Supply Management

I can’t stop thinking about milk production, so I thought I might as well write about it. Though my supply is low, I still could continue nursing Alya into toddlerhood, and that is my current goal. To do that, I will need to maximize and maintain my existing milk supply. And to do that, given the barriers I’ve faced, I’ll need to be conscious and proactive. I’ve realized that there is no one who cares as much about my milk production as I do, and no one to monitor my actions or create a program for me – I need to do it myself. Wow … this is what motherhood is like!
To that end: these are the activities/supplements/foods that will maximize milk production:

Activities: Feeding on demand; breastfeeding before supplementing; use of an SNS system; emptying my breasts at least every 3 hours; pumping/expressing milk, especially at night when prolactin levels are higher; skin to skin contact.

Foods: lots of water/hydration; nursing or fennel tea; protein; iron; dark/leafy greens; other galactogogues including oatmeal, macadamia nuts (chosen at random from the list – one of my favourites!), and others; and eating lots and regularly.

Supplements: fenugreek; blessed thistle; goat’s rue; probiotics.

Medication: domperidone; possibly natural progesterone; possibly thyroid boosting supplements.

So how am I doing?
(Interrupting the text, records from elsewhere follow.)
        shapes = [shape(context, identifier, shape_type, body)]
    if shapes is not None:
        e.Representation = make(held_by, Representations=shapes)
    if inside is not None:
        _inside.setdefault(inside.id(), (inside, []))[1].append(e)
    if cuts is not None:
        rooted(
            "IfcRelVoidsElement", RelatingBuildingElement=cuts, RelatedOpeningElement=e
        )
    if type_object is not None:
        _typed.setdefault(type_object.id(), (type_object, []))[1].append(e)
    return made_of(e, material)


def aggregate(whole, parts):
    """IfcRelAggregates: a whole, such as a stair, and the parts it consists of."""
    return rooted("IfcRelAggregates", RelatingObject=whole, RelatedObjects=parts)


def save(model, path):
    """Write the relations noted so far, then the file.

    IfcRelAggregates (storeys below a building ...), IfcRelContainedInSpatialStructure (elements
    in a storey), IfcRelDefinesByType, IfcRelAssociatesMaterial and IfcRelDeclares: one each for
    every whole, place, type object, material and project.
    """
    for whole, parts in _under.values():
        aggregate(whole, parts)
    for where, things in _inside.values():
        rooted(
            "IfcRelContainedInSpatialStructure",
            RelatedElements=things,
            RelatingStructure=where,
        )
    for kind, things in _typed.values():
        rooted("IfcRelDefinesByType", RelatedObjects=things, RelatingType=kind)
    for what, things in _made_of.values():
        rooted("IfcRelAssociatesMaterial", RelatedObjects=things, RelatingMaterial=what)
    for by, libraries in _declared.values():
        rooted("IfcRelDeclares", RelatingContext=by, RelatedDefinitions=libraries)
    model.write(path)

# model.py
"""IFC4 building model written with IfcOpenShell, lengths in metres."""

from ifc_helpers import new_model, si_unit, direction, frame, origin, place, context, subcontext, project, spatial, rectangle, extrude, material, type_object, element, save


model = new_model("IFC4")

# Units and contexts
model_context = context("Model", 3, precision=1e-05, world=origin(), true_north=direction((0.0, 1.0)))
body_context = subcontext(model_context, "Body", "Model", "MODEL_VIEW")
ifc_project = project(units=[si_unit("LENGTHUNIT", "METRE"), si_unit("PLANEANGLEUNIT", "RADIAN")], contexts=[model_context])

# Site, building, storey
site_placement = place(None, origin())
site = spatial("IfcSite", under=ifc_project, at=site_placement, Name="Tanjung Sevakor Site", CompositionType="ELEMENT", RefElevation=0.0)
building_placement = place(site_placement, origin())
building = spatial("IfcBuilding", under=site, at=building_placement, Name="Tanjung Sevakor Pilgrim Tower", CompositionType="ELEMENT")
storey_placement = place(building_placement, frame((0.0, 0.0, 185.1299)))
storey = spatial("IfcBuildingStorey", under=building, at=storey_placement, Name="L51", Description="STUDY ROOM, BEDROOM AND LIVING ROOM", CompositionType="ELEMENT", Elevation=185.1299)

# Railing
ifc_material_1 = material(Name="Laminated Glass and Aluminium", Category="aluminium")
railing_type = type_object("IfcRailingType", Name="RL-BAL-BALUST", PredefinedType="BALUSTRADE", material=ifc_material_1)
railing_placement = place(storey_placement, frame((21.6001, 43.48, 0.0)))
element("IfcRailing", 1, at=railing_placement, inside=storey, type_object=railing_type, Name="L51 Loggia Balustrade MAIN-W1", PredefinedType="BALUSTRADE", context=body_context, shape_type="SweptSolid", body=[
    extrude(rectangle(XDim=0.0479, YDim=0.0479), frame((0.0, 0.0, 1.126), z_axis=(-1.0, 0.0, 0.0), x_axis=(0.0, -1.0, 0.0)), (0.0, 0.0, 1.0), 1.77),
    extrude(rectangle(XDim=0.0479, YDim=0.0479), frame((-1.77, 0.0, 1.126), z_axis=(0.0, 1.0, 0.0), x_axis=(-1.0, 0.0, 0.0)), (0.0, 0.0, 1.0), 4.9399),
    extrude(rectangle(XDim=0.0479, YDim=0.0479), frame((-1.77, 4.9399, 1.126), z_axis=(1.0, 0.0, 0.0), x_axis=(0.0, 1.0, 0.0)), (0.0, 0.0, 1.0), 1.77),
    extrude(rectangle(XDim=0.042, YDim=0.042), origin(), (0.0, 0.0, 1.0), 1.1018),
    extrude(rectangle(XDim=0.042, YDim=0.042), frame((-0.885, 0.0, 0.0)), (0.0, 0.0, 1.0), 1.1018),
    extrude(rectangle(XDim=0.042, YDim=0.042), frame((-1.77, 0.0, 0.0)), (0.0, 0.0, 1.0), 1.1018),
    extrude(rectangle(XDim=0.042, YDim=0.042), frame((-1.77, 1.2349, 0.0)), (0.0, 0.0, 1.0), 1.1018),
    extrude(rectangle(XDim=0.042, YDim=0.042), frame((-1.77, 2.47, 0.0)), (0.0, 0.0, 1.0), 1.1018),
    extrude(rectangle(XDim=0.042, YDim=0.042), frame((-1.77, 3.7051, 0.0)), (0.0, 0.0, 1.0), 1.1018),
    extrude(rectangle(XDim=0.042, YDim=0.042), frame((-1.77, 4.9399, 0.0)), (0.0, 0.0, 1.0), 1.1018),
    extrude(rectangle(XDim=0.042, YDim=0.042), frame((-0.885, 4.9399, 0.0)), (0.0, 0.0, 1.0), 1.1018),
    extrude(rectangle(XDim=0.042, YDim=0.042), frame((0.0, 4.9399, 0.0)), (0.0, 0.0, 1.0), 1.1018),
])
In terms of activities: I do feed on demand and breastfeed before giving her a bottle. I’ve given up on the SNS as too cumbersome and I feel so negative about it that it taints my entire feeding experience. I do empty my breasts every few hours with the exception of her longer sleeping stretches at night (sometimes up to 6 hours – I’m not going to set an alarm to wake up!!). I either breastfeed and compress until it’s clear there’s no milk left; or express extra after. If I express, there’s usually less than half an ounce total that comes out. I could make a point of expressing more regularly and systematically. And I could boost skin to skin contact – it’s just so convenient, especially in colder winter weather, to dress her and myself in the morning rather than wandering around naked all day. We usually do skin to skin at night, though.
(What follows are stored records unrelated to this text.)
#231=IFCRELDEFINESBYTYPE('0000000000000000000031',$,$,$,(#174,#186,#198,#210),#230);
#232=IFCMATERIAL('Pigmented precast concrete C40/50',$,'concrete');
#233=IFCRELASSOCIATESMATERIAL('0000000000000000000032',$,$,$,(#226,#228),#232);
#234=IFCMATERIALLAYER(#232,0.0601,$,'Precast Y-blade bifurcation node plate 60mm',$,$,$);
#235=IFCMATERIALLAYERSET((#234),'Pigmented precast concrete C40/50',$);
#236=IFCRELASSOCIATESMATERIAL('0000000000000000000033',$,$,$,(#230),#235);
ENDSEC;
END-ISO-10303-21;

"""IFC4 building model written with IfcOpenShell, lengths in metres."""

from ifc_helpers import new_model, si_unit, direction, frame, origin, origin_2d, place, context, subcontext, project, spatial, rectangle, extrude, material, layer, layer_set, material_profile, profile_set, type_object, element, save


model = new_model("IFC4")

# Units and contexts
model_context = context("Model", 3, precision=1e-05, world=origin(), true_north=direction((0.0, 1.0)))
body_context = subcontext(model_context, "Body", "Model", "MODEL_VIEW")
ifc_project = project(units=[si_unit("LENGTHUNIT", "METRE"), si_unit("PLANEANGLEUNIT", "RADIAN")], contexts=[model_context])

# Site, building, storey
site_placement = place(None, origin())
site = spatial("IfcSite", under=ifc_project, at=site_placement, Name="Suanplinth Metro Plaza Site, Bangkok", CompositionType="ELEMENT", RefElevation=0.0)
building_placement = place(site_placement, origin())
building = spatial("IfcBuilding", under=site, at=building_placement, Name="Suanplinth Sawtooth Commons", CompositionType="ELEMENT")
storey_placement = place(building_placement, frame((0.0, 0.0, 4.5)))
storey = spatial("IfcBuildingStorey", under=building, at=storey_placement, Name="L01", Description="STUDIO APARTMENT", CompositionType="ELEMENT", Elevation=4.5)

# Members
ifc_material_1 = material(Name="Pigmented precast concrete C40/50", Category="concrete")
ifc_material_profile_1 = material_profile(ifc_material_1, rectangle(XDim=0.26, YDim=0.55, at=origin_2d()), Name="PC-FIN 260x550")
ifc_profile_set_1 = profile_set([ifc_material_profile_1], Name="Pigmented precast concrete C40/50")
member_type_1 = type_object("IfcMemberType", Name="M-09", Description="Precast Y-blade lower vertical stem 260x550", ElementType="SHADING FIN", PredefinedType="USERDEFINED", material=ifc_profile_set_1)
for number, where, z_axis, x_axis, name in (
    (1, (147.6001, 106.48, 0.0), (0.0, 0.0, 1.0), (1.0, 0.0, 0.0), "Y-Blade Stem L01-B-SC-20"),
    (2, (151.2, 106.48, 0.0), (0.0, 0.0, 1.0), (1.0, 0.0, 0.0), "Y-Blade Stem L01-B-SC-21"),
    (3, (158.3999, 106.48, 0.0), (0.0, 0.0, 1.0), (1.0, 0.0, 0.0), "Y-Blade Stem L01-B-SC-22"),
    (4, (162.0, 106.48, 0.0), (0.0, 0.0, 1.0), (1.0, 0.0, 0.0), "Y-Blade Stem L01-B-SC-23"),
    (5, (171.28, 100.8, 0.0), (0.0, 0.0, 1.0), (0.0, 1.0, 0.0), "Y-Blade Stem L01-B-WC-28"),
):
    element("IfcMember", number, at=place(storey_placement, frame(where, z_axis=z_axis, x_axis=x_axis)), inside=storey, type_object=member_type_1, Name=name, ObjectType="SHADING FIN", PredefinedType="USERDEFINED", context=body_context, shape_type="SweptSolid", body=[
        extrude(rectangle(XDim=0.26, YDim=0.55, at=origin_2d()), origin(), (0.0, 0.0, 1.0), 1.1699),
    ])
Foods: I need to drink more (which means drinking a glass AND filling a glass before I nurse each time). I need to eat more – which means more menu planning and putting snacks by the bed at night again. I also could print out the list of galactogogues as a reminder of good foods to include in my diet.

Supplements: I don’t know if these work, so I don’t know if it’s worth the money to keep using them. I do want to try goat’s rue, which isn’t widely available in BC, but is supposed to help build breast tissue – my main need. I will use up the fenugreek & blessed thistle that I have.

Medication: similarly, I don’t know if the domperidone is working. I stopped taking it a couple of days ago because it was becoming too hard to time it and I missed some doses (I learned you’re supposed to take it 30 minutes to an hour before baby nurses. That’s like directions to get off the bus one stop before I do. We’ll see if I notice a change in milk availability). The doctor is testing my progesterone levels so we’ll know if I should continue with the natural progesterone. And he’s checking my thyroid, pituitary, etc. so we’ll know if there are any other interventions I should try.

My milk supply has seemed lower in the past couple of weeks than it was previously: less gulping, needing to supplement through the night again. This is discouraging, of course, and also incredibly hard to track as there are so many factors at play. I may go back and try acupuncture again as the nursing-only through the night started up after my third acupuncture visit. The gulping was before that, and during it as well. Who knows?! I wish there were a way to know for sure what to do, but I will just have to do my best and live with the results.

In the meantime, sweetest baby is sleeping on my chest in a new kangaroo wrap we bought the other day (finally used up our Toys R Us gift certificates – wrap, bottles, bags). She is adorable, smiley, healthy, gorgeous and a wonderful person. At some point we’ll be supplementing with real food, and eventually – within a year, most likely – will not be supplementing with formula or donated milk at all. And I should be able to continue to nurse my sweet girl beyond that, giving her ongoing benefits from the milk I can supply. Though it could be a lot better, things certainly could be worse.